Por causa das referências ao meu Pai no meu post de ontem, resolvi ir ver o que havia na Net sobre anarco-sindicalismo. E então não é que ainda se publica em Portugal um Boletim Anarco-Sindicalista (último nº : Julho deste ano), orgão da Secção Portuguesa da Associação Internacional dos Trabalhadores (vulgo Primeira Internacional) ? Fundada por Marx, como se sabe (felizmente ainda não havia leninismo...).

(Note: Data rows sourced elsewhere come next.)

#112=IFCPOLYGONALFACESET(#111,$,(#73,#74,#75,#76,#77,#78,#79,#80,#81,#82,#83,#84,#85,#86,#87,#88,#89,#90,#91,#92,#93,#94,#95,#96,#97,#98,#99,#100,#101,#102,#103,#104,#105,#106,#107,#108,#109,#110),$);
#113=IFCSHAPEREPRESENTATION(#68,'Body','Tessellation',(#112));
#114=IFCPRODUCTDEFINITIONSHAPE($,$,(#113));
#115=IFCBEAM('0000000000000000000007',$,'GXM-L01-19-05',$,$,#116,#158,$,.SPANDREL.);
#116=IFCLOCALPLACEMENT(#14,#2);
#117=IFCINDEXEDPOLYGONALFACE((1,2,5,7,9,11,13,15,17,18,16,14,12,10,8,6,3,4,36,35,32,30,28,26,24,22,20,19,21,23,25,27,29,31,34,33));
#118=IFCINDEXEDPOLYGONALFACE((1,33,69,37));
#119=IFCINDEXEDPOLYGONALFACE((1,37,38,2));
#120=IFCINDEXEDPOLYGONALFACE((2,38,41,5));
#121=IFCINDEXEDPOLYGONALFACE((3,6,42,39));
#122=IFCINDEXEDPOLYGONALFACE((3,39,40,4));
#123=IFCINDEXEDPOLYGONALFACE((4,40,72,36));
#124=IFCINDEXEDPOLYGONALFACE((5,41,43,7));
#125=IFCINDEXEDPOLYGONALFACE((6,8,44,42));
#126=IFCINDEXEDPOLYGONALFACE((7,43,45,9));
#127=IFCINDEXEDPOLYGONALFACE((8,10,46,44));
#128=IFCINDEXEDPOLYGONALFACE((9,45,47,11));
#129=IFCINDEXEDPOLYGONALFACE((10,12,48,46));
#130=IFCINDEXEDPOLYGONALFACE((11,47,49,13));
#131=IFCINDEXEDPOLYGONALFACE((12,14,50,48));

Pesquisei mais. A  Associação já só existe num número reduzido de paises. Mas mantém um Secretariado Internacional. Estive a ler alguna textos básicos. E deu para entender o meu pendor libertário.

 

Parêntesis : para quem não viu o meu post {53} aqui fica o meu political compass  (e o link se o quiserem fazer) :

                                             

 Pois é : o meu Pai nunca me endoutrinou. Mas, a partir duma certa idade, deixava-me assistir às conversas não-conspirativas que tinha com alguns amigos. Muito provavelmente não entendia muito do que era dito. Mas certamente vivi isso como uma demonstração de proximidade e de confiança do meu Pai.

Para mim, muito novo, a minha Mãe era a cultura (o francês, o piano, a leitura...) e as maneiras. Mas a política (e o ateísmo) eram o meu Pai.

 

Vá-se lá saber o que teria sido de outro modo...

 

Um dia destes, quando me der pr'aí, contacto a Secção Portuguesa da AIT e vejo em que param as modas por essas bandas...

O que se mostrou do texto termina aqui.